Over the succeeding two years of military rule, community leaders,
individuals from non-governmental organisations, human rights
defenders and others were intimidated, threatened, arrested and
tortured.
London-based Monterrico Metals' Rio Blanco project
in Peru is also a cause of concern. A huge majority of local people
rejected the mining project in a 2007 referendum. In November
2005, two protestors against the project were killed during a
demonstration; protesters said at least 28 members from their
communities were kidnapped and brutally beaten; the following
March, Monterrico was accused by a community representative of
orchestrating further violence against opponents of the project.

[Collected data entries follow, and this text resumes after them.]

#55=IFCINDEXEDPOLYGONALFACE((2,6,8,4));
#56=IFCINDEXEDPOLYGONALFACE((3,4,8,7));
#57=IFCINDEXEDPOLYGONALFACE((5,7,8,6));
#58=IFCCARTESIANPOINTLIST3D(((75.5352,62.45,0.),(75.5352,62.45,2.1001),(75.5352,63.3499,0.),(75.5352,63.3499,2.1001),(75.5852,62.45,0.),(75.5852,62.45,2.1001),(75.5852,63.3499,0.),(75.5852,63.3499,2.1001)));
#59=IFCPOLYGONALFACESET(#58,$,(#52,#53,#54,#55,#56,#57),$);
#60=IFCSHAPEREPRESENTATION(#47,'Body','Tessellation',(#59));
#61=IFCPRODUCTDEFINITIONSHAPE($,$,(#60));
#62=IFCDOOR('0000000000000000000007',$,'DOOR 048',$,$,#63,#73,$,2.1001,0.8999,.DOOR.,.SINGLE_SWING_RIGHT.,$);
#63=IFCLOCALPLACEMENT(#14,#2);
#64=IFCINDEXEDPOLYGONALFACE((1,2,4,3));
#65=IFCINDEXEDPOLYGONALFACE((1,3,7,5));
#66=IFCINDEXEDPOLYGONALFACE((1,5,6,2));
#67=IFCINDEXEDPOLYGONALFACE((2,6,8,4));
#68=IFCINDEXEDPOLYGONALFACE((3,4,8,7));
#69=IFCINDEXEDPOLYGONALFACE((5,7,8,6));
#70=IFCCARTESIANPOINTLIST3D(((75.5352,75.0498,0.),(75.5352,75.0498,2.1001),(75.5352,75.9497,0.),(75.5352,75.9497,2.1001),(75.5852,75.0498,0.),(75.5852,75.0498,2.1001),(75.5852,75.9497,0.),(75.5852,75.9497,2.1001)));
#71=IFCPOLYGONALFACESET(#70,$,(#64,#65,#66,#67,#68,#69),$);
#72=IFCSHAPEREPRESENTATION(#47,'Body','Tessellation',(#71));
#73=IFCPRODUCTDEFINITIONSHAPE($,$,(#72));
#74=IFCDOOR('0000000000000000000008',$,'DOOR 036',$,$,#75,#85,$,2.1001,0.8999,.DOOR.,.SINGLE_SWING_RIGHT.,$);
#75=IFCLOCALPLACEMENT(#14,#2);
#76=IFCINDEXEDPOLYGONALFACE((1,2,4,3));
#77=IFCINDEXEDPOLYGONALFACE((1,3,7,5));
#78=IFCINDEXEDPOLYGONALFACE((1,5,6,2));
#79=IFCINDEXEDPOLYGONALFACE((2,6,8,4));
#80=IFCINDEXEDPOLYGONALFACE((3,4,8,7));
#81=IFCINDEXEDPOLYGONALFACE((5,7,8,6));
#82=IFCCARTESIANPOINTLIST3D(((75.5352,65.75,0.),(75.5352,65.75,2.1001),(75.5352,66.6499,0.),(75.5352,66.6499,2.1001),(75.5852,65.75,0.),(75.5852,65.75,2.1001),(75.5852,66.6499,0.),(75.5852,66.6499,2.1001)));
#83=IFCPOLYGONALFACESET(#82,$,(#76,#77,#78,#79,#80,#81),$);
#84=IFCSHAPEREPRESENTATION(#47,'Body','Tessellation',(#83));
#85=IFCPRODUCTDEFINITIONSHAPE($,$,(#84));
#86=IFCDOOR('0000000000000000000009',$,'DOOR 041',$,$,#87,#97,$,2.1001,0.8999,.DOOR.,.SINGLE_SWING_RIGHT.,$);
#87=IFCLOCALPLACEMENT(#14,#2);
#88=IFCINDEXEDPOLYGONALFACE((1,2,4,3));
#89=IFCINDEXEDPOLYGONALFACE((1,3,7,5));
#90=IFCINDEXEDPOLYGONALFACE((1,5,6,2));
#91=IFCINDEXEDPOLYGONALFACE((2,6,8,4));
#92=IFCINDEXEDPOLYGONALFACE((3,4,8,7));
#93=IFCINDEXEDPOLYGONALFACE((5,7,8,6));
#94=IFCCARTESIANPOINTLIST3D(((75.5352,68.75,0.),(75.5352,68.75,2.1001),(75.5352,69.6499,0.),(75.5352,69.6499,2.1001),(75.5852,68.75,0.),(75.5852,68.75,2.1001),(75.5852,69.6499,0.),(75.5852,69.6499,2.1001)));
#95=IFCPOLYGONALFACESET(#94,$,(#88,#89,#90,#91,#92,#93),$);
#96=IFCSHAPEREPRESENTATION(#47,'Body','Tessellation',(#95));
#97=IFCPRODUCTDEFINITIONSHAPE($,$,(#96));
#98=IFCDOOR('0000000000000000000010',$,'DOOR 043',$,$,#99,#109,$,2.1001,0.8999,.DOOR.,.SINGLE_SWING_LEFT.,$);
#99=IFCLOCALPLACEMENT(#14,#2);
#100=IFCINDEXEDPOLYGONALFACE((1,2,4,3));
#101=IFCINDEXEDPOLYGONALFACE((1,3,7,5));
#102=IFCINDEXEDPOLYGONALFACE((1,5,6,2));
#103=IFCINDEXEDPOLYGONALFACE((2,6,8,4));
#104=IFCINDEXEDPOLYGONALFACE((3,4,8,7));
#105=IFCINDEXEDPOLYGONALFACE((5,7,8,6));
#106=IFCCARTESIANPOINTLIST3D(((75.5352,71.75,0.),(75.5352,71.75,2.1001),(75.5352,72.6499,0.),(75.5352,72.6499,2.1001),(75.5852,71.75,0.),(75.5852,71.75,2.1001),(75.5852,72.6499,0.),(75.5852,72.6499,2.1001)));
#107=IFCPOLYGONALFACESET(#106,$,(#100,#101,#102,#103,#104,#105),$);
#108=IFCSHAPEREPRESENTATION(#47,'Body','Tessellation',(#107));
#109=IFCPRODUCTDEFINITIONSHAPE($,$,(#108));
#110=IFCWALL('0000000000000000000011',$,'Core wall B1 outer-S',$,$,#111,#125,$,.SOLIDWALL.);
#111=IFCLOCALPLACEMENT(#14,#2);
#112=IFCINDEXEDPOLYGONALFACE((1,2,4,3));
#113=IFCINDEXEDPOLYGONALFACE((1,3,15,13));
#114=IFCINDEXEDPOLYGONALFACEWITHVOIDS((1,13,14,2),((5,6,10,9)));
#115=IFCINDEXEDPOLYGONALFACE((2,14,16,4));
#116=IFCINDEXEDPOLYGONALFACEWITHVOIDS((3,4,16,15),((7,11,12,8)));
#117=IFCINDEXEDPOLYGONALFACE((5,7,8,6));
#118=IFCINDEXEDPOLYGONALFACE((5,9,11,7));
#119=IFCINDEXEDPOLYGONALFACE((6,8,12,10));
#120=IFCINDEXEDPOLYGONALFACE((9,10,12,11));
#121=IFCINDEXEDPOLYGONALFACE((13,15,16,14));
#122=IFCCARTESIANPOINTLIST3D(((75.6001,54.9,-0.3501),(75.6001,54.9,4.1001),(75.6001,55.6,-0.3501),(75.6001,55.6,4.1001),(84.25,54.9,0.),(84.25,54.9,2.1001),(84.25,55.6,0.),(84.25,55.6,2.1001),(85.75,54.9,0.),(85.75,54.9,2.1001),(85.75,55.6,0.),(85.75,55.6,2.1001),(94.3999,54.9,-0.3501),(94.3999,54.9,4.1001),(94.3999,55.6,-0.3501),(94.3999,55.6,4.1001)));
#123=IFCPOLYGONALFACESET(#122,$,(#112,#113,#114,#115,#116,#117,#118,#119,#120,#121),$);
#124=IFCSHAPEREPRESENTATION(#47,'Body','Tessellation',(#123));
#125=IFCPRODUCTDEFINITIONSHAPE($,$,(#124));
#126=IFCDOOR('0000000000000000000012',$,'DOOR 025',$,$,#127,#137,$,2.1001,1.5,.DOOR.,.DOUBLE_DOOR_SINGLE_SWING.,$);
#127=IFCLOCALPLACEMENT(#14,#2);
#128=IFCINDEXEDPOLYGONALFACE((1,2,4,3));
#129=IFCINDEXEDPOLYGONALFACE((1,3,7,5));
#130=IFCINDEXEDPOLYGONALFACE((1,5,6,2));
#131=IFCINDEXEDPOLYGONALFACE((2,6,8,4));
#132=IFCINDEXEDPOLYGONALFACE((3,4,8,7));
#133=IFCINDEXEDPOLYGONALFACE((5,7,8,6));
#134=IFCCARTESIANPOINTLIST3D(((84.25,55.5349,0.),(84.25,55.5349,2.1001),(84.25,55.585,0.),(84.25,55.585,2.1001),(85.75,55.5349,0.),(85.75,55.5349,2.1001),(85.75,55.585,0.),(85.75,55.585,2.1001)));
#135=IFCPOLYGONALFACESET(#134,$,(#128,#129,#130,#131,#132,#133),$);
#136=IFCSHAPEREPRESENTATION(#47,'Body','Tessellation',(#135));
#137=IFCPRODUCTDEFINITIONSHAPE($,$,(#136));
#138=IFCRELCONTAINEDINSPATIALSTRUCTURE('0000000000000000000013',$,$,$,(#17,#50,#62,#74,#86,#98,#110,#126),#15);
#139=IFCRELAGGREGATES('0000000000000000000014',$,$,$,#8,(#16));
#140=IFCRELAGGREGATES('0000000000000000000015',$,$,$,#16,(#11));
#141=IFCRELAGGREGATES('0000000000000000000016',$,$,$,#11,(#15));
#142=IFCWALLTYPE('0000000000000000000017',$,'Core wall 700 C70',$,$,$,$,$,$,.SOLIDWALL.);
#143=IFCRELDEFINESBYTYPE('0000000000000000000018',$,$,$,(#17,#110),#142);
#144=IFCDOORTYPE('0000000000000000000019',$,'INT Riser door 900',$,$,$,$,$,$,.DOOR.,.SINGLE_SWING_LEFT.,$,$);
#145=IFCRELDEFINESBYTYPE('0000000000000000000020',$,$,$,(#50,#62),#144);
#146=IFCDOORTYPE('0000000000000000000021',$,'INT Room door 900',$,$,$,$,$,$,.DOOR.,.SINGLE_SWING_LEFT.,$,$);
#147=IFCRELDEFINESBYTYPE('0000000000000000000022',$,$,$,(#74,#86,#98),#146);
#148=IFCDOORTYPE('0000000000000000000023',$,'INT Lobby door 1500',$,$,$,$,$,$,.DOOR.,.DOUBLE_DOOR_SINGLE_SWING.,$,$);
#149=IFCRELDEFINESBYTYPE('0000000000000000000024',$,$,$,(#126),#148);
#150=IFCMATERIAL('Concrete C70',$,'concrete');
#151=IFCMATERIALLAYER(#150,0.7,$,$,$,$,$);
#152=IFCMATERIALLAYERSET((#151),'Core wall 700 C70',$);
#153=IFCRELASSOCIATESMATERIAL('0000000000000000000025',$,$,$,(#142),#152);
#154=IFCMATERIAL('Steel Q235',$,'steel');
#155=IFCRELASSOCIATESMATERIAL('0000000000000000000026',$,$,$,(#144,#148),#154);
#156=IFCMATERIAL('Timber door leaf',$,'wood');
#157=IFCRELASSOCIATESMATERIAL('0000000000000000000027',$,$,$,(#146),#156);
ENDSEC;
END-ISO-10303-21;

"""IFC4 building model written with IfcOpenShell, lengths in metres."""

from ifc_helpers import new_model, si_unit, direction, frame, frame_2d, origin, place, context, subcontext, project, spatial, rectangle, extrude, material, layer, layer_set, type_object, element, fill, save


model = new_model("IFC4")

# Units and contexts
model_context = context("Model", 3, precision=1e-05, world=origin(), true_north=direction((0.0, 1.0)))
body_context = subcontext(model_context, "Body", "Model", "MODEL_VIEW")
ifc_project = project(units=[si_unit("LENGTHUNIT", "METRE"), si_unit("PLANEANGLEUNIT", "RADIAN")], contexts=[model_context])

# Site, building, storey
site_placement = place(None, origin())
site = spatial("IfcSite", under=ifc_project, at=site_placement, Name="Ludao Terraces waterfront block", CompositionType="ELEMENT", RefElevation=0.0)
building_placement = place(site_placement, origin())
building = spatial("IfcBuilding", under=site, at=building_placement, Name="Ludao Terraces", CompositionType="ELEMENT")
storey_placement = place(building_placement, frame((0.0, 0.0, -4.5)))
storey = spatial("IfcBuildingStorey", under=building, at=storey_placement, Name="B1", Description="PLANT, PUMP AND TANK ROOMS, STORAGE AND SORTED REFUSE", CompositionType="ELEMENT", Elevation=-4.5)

In January of this year, the Peruvian National Coordinating Committee
for Human Rights released photographs which showed local people
being tortured by police and mine personnel. Journalist Julio
C
sar Vásquez Calle, who says that the photographs
were taken in the mine camp, was himself allegedly tortured. He
claims that, before he was released, company representatives apologised
for his detention. According to Amnesty International he is now
receiving death threats for revealing the abuse. Some of the other
torture survivors are also being threatened should they co-operate
with a Peruvian Government inquiry.
The groups involved in London Mining Network
believe that companies need to be held accountable for the impacts
of their operations around the world. In our experience of working
with numerous mining-affected communities, it is clear that the
current systems of accountability and avenues of redress for injustices
committed, including the OECD complaints procedure, are wholly
inadequate. In response to the Committee's question number 7,
"Does the existing legal, regulatory and voluntary framework
in the UK provide adequate opportunity to seek an appropriate
remedy for individuals who allege that their human rights have
been breached as a result of the activities of UK businesses?"
we would answer with an emphatic "No!"
LMN as a network, however, is not making specific
proposals to the Committee concerning legal or regulatory reform.
Some of the groups involved in LMN are also members of the Corporate
Responsibility Coalition (CORE) which proposes a UK Commission
for Business and Human Rights. Some LMN groups are also involved
with the European Coalition for Corporate Justice, which proposes
enhancing direct liability of parent companies, establishing a
parental company duty of care and establishing mandatory social
and environmental reporting. Another proposal of which LMN is
aware is the abolition of limited liability status for corporations
as a way of encouraging responsible behaviour by company boards,
management and shareholders. Some groups in LMN question the legitimacy
of foreign direct investment and believe that countries' mineral
resources should always be under the exclusive control of the
people who live there. LMN urges the Committee to examine further
evidence of human rights abuses by London-connected mining companies
in formulating its own proposals for reform.